9.5.3.2.5.1  (02-09-2005)
Procedures for Fraud Detection Center Identified Questionable Refund Program Schemes

  1. All QRP schemes referred to a field office will be inputted as PIs into the CIMIS database by personnel in the FDC at the IRS Campuses.

  2. The Form 4930 will be prepared at the IRS Campus and entries will be made in items 1-10, 12-18, 23, 24, 27, 29, and 71. The original Form 4930 will accompany the referral to the field office. A copy of the Form 4930 will be retained in the scheme file maintained at each FDC.

  3. The investigation number for each of these investigations will contain a specific identifier for each FDC.

  4. The first two digits, normally the field office number, will identify the IRS Campus where the investigation was initiated.

  5. After the PI is initiated, the investigation will be placed in the field office’s QRP group investigation pool. Each field office is assigned a group pool number for QRP referrals and this number will appear in the Lead SSN field (Item 1) of the Form 4930 (see IRM 9.9, Criminal Investigation Management Information System).

  6. The QRP assigned pool number is 9999. For example, the group pool number for Los Angeles will be 000-95-9999.

  7. Questionable Refund Program PIs will appear in the field office’s inventory and on their CIMIS reports and statistical summaries as with any other open PI.

  8. All QRP schemes developed by the FDCs must be linked to one national GI. The GI number (009910003) is assigned to all FDCs.

9.5.3.2.5.1.1  (02-09-2005)
Field Office Procedures for IRS Campus Identified Questionable Refund Program Schemes

  1. Upon receipt of the QRP scheme referral from the FDC, the receiving field office will promptly assign a special agent to evaluate the referral, and he/she will update the Form 4930 to reflect the investigation assignment and the due date of the evaluation of the referral.

  2. The due date is 90-days from the receipt of the referral by the field office.

  3. The name of the PI is the scheme number and should not be changed. If a SCI is initiated as a result of the evaluation of the QRP PI, the Form 4930 initiating the SCI should reflect the name of the subject of the investigation. This will not be consistent with the name on the PI. Even though they are not consistent, the PI will still be linked to all SCIs initiated.

  4. During the course of the investigation, identities identified as part of the QRP scheme should be linked to the PI in CIMIS as Associate Identities (AI).

  5. The field office is responsible for closing QRP PIs, as well as any SCI initiated as a result of the evaluation of the QRP scheme referral.
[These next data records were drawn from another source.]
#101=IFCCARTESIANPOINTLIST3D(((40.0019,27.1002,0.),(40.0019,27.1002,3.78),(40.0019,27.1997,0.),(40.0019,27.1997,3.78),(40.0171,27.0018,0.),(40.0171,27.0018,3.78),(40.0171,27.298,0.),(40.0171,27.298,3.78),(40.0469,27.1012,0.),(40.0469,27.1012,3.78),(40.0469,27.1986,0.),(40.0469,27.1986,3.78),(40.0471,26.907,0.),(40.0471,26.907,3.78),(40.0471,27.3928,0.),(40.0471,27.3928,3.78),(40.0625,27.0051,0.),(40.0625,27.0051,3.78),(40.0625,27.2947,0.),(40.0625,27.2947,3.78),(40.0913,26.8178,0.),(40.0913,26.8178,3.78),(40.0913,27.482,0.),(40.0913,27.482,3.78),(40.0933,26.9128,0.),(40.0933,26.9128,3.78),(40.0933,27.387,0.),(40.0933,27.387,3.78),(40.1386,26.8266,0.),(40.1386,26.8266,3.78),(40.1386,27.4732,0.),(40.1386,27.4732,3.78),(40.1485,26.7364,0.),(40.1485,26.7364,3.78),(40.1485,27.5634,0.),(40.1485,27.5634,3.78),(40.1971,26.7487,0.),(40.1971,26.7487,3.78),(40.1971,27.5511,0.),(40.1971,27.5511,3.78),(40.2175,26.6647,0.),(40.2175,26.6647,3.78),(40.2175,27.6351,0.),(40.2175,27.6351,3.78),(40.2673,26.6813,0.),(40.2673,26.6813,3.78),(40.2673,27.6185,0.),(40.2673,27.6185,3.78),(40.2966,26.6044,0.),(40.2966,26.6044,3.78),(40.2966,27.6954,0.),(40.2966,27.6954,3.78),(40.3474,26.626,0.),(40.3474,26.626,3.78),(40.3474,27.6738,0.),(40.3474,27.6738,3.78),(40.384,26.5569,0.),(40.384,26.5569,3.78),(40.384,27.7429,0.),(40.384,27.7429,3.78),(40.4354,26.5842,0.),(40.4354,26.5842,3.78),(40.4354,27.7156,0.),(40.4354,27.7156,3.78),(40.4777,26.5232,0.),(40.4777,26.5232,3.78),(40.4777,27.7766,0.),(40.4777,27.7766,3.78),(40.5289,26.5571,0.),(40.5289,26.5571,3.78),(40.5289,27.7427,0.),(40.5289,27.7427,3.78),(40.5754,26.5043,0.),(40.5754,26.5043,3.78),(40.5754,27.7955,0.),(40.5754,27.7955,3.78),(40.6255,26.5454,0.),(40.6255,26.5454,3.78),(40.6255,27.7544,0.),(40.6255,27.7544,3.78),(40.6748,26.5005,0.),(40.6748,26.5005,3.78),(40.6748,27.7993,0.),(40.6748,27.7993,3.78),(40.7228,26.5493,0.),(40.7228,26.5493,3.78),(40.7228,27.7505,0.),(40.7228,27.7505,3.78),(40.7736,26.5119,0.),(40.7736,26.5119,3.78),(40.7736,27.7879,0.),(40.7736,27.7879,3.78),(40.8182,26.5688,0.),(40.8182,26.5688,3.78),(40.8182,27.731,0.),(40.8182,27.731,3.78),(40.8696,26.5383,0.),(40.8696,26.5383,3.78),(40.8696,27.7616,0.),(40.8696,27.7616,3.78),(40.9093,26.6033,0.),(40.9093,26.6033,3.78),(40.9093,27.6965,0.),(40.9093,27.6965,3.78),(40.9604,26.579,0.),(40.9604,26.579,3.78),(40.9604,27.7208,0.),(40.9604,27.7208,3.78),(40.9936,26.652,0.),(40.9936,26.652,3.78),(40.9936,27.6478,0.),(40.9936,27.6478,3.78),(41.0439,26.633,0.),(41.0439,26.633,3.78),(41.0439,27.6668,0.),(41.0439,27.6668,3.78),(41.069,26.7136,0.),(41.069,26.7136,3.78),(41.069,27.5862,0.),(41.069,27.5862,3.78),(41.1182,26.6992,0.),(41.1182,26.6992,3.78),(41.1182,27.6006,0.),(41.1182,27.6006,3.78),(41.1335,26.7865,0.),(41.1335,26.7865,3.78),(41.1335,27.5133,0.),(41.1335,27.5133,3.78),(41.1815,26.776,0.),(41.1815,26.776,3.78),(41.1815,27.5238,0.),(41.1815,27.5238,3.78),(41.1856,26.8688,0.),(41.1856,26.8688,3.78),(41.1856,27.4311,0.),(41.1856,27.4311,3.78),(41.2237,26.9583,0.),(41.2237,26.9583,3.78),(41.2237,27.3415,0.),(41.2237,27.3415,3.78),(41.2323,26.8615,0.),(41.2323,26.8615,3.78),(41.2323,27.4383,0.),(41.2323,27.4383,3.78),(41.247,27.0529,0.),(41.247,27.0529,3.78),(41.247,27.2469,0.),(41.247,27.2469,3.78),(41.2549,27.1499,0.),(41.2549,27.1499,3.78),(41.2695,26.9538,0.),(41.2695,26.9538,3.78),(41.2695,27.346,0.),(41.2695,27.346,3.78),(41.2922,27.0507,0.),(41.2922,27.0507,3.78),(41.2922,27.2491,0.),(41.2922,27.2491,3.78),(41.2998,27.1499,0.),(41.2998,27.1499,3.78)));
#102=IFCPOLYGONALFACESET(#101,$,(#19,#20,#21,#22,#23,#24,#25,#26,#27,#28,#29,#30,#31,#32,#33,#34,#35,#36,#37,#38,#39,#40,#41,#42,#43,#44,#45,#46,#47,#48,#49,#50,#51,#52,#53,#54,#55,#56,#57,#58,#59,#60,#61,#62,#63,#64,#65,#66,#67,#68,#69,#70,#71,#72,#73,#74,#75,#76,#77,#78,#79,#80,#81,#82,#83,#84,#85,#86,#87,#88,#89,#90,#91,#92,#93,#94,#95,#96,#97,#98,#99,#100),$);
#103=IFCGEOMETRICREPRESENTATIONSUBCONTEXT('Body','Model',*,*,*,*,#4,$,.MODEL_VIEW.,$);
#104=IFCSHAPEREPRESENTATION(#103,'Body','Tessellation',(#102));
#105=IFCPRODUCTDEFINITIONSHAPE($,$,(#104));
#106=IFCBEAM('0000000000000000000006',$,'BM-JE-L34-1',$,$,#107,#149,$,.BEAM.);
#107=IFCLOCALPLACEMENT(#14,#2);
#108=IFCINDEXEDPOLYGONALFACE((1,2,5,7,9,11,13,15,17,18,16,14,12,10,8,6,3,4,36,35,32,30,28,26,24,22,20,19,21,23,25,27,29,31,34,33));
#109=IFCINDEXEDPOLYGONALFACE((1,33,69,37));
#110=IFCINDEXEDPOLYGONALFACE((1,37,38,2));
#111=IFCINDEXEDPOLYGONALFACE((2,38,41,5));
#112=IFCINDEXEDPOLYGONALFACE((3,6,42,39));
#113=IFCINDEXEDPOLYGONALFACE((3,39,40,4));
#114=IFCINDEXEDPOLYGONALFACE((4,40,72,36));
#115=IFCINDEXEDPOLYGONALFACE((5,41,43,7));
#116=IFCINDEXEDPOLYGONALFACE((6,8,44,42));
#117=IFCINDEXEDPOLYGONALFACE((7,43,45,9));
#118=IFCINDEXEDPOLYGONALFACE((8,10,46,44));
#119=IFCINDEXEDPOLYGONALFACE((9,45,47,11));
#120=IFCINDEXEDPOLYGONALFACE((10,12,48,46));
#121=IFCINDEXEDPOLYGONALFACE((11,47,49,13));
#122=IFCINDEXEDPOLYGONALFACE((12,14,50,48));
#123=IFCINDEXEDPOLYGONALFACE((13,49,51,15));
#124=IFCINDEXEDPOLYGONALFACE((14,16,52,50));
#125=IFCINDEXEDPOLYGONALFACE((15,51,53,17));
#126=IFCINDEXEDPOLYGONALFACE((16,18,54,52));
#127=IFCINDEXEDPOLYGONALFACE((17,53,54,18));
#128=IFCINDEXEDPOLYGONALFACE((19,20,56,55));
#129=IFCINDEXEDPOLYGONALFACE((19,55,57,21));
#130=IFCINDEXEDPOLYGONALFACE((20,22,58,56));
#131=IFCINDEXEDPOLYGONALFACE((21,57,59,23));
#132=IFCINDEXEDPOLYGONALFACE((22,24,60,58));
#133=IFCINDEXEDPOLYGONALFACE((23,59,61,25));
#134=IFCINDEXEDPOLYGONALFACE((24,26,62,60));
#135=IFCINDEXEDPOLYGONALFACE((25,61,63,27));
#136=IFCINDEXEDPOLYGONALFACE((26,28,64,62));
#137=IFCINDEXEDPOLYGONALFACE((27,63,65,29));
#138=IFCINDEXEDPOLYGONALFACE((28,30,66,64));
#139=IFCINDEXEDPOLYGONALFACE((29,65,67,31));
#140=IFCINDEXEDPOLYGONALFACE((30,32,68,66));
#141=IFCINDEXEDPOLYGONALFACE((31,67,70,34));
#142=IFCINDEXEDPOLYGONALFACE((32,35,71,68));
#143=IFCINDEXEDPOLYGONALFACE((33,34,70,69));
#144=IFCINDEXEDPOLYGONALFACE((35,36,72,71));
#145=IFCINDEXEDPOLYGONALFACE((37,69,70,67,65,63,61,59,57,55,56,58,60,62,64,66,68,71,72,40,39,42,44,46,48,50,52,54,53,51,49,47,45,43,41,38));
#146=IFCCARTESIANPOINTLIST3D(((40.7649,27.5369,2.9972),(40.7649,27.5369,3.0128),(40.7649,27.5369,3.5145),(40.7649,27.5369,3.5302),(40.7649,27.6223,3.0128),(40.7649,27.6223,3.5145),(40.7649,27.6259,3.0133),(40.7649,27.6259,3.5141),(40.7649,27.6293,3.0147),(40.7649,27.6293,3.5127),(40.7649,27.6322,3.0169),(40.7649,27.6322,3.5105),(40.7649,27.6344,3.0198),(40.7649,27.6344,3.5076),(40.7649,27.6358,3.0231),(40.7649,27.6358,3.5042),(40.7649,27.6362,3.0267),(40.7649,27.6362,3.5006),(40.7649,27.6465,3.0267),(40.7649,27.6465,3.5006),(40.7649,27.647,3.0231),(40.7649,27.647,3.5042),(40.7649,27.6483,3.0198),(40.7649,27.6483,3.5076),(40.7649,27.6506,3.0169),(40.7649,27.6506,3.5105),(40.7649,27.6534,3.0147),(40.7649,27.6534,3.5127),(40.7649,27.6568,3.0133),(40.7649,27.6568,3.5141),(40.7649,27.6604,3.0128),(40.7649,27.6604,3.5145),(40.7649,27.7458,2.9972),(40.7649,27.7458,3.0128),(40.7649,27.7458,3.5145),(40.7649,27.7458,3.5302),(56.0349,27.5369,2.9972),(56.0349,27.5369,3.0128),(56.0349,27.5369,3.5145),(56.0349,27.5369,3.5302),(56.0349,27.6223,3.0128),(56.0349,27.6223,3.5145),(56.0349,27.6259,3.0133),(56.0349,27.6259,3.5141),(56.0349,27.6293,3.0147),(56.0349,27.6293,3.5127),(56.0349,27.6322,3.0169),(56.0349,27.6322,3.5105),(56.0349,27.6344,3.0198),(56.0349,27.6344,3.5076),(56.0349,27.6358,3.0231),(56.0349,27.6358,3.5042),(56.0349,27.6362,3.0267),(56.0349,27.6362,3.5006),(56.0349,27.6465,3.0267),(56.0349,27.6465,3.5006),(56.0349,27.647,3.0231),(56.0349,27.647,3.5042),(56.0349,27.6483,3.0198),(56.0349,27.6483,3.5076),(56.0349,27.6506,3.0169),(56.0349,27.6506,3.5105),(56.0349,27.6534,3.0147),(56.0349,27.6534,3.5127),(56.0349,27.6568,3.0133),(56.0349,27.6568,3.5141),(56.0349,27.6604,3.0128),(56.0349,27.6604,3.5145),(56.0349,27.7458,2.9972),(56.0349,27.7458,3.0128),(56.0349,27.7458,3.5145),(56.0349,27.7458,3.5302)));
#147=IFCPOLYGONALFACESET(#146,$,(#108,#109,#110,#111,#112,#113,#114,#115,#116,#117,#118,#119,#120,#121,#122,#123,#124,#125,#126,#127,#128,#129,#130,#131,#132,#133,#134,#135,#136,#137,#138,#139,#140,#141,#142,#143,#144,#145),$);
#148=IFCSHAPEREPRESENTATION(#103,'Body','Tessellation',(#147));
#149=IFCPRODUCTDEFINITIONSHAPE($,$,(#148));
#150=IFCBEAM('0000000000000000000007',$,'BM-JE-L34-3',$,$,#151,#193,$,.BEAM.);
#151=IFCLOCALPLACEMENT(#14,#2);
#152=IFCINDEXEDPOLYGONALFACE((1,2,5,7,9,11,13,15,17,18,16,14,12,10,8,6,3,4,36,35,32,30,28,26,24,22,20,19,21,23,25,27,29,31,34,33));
These investigations should be closed in a manner consistent with all other PI and SCI investigations (see IRM 9.5.14, Closing Procedures).

  6. At the conclusion of the criminal aspects of a QRP investigation, the SAC will forward a Criminal Investigation Closing Report with attachments to the RAC. The RAC will forward the Closing Report to the Territory Manager, Technical Services, for notification and initiation of civil action. This process is the same for declined or discontinued investigations (see IRM 9.5.14, Closing Procedures).